The history of India's experiments with pricing freedom for petrol and diesel has been quite chequered. For a brief period in 2002, the government had given oil marketing companies the freedom to fix petrol and diesel prices, but that freedom was not real and the regime, too, was short-lived and abandoned unceremoniously. Government control returned and remained in force until June 2010, when oil companies were once again allowed to fix petrol prices. It, however, took 30 more months for the oil companies to formalise a system of reviewing petrol prices every fortnight. Diesel pricing, too, was freed from October 2014 soon after international crude oil prices began declining as that eliminated the need for government subsidies. It was then widely believed that the true test of the oil marketing companies' pricing freedom would take place when international crude oil prices move up and there would be pressure on increasing prices.

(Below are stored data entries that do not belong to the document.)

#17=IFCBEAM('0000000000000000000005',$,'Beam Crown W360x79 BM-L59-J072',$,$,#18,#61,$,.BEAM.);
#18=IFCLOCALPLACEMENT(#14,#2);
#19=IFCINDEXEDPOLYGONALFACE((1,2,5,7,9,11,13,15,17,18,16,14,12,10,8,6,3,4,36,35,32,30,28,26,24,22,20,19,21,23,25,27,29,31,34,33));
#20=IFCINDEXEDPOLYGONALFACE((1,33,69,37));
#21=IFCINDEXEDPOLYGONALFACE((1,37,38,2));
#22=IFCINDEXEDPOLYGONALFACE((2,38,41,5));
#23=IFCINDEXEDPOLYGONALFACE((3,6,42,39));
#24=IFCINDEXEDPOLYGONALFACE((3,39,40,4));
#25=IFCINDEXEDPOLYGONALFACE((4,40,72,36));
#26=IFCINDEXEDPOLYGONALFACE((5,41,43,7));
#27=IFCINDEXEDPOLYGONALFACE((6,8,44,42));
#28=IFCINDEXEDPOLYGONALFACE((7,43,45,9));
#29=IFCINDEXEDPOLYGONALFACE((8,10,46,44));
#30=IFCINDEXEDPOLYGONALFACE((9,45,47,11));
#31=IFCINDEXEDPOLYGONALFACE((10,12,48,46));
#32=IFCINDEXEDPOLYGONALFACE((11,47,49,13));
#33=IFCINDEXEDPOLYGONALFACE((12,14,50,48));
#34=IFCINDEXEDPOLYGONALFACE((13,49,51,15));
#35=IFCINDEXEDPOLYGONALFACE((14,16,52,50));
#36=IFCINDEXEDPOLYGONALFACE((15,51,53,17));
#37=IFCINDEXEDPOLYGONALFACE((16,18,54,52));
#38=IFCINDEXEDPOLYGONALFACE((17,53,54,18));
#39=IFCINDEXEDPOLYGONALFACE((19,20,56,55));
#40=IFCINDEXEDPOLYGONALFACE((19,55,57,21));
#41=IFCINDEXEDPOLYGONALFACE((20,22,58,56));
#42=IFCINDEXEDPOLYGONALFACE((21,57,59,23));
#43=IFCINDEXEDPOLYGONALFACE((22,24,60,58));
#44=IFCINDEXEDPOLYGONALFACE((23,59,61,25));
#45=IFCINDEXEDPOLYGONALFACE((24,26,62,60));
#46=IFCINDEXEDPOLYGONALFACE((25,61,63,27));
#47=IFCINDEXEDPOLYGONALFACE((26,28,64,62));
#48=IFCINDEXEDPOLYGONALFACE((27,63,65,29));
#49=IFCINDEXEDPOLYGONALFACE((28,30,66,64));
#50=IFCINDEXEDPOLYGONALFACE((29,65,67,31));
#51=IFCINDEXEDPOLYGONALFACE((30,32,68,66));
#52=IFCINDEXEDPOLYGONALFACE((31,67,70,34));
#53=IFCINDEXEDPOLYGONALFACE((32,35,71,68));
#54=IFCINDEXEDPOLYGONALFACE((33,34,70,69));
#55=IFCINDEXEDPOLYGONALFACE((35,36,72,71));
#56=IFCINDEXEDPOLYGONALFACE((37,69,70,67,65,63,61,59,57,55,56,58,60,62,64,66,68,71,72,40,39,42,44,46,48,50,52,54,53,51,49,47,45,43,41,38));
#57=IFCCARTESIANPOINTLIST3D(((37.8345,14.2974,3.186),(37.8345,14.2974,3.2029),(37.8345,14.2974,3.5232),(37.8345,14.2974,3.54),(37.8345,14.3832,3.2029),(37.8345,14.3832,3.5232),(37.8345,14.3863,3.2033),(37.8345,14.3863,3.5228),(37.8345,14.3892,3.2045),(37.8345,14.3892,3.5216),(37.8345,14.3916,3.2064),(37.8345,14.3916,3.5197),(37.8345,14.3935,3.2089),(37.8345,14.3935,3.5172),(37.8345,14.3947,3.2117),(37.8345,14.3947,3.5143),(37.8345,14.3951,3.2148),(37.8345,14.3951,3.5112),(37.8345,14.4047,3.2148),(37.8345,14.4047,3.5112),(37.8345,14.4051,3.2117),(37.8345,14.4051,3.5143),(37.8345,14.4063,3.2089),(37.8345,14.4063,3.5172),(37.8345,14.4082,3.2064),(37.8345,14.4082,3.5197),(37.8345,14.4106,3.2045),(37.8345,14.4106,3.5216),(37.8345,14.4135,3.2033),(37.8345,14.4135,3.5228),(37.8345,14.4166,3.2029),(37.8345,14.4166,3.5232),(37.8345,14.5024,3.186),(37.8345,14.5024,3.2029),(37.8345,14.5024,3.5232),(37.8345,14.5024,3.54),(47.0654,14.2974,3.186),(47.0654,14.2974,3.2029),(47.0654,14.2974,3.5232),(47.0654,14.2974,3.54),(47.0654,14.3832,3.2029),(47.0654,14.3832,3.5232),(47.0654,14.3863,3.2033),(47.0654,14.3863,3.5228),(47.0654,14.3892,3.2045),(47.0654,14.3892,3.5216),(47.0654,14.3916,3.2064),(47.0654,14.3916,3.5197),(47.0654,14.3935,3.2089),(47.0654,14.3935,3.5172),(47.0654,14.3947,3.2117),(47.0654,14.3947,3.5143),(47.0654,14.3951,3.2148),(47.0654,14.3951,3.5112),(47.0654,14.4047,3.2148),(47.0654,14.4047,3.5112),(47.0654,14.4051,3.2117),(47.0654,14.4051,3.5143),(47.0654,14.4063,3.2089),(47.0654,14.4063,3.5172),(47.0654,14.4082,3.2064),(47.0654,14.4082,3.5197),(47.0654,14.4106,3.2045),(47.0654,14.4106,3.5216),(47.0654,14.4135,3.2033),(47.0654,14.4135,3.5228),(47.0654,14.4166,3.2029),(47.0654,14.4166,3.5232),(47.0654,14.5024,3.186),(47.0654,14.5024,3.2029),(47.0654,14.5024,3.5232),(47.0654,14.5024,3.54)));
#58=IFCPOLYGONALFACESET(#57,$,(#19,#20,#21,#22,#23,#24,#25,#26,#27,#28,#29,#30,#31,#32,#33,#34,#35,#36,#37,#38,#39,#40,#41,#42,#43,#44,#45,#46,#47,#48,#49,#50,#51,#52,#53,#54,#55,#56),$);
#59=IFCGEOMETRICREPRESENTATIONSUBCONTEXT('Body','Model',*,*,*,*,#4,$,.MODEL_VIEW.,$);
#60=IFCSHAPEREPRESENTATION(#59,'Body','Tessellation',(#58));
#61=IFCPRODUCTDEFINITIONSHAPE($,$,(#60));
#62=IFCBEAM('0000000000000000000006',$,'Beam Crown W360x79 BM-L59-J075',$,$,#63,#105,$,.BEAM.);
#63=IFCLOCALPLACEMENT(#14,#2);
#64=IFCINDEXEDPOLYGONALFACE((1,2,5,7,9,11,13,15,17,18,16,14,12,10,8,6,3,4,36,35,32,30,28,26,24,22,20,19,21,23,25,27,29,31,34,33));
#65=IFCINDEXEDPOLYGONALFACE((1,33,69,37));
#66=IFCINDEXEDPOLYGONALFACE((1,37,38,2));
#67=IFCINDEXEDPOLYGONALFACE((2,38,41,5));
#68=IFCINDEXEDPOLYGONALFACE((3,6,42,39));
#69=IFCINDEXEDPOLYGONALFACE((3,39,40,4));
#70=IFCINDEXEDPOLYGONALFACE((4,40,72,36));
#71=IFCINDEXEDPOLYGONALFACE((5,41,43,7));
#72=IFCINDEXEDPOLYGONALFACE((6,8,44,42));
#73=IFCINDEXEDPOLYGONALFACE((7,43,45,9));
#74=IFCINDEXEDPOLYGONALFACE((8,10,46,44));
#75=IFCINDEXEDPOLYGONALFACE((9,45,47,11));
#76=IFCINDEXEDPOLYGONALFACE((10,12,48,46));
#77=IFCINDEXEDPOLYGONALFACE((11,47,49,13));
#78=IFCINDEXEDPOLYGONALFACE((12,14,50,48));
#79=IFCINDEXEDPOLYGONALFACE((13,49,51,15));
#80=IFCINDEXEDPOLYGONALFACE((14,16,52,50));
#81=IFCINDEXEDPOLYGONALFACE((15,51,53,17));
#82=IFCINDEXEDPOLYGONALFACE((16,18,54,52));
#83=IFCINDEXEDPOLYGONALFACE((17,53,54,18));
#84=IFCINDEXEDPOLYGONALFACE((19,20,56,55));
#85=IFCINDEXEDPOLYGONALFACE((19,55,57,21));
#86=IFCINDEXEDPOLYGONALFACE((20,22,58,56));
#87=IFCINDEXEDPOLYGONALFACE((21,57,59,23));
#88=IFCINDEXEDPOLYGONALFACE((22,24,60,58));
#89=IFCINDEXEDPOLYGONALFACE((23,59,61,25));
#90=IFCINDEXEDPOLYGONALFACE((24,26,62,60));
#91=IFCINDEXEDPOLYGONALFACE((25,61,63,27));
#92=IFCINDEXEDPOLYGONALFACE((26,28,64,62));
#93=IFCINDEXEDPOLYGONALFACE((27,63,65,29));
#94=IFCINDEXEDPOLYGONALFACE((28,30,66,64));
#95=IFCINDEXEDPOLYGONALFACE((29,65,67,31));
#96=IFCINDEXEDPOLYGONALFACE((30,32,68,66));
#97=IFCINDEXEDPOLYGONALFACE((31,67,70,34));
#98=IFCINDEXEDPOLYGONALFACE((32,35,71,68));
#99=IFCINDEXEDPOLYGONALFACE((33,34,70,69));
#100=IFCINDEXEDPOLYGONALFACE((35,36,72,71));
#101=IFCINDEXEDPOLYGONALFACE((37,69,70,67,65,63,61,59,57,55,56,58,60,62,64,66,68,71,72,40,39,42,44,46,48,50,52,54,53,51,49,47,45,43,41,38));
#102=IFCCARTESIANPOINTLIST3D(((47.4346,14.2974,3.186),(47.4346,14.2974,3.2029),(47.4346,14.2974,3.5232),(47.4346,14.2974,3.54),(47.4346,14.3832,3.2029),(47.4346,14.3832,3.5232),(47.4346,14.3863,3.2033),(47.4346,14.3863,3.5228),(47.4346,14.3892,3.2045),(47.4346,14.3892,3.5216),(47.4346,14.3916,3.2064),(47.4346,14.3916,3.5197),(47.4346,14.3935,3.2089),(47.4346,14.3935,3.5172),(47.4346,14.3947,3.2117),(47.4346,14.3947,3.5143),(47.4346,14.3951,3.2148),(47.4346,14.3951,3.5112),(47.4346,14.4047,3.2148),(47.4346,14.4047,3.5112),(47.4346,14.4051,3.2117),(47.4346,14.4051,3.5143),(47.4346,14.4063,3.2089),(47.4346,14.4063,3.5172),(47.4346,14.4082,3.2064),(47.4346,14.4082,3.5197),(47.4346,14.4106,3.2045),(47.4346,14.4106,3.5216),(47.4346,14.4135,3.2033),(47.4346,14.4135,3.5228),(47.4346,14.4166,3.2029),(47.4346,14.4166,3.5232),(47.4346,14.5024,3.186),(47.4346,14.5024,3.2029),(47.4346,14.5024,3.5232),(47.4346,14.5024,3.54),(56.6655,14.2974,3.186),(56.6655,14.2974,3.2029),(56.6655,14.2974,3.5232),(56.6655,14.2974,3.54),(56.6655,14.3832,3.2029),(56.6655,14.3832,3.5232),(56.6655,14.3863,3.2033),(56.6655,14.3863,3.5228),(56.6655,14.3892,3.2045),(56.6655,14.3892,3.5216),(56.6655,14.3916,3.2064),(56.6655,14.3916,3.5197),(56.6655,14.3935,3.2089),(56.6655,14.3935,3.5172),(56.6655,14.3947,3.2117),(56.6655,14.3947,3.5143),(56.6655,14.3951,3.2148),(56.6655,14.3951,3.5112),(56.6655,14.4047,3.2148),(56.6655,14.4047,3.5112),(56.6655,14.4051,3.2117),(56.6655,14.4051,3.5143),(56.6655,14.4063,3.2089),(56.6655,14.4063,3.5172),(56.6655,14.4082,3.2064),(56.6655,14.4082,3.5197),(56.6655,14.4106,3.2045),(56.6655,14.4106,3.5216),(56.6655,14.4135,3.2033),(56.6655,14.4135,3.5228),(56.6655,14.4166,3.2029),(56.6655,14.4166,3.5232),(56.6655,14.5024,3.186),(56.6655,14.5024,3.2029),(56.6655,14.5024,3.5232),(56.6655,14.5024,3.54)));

The imported crude oil price for Indian refineries (Indian basket) rose from $28.08 a barrel in January to $30.53 in February, after seeing a decline in as many as eight months in the current financial year so far. Retail prices of petrol and diesel in this period have broadly reflected this trend - going up during a few of the fortnightly reviews and declining on most other such occasions. That the petrol and diesel prices were raised by a good margin last week in spite of Parliament being in session and as many as five Assembly elections being due in a month's time showed the government's determination to stick to the pricing freedom it had granted to oil marketing companies - a resolve that is welcome and praiseworthy. Equally reassuring is the government action on mopping up some of the gains from falling crude oil prices by raising excise duty to meet its fiscal consolidation goals. That explains why even though the price of the Indian basket of crude oil has fallen by 72 per cent since June 2014, the retail prices have declined by a lower margin of 15-16 per cent in this period.
Going forward, the government must dismantle pricing controls in the remaining petroleum products, mainly cooking gas and kerosene. The government move to launch the Aadhaar-based kerosene supply system to 33 districts in nine states from next month should be replicated across the country after drawing the right lessons from the experiment. Similarly, the government must move forward with its intention to weed out the economically well-off customers of subsidised cooking gas, say those with an annual taxable income of over Rs 10 lakh. As Minister of State for Petroleum and Natural Gas Dharmendra Pradhan told this newspaper, the move to encourage people to voluntarily give up their cooking gas subsidies should now pave the way for a mandated limit on the use of subsidies by only those who belong to the economically weaker sections of society.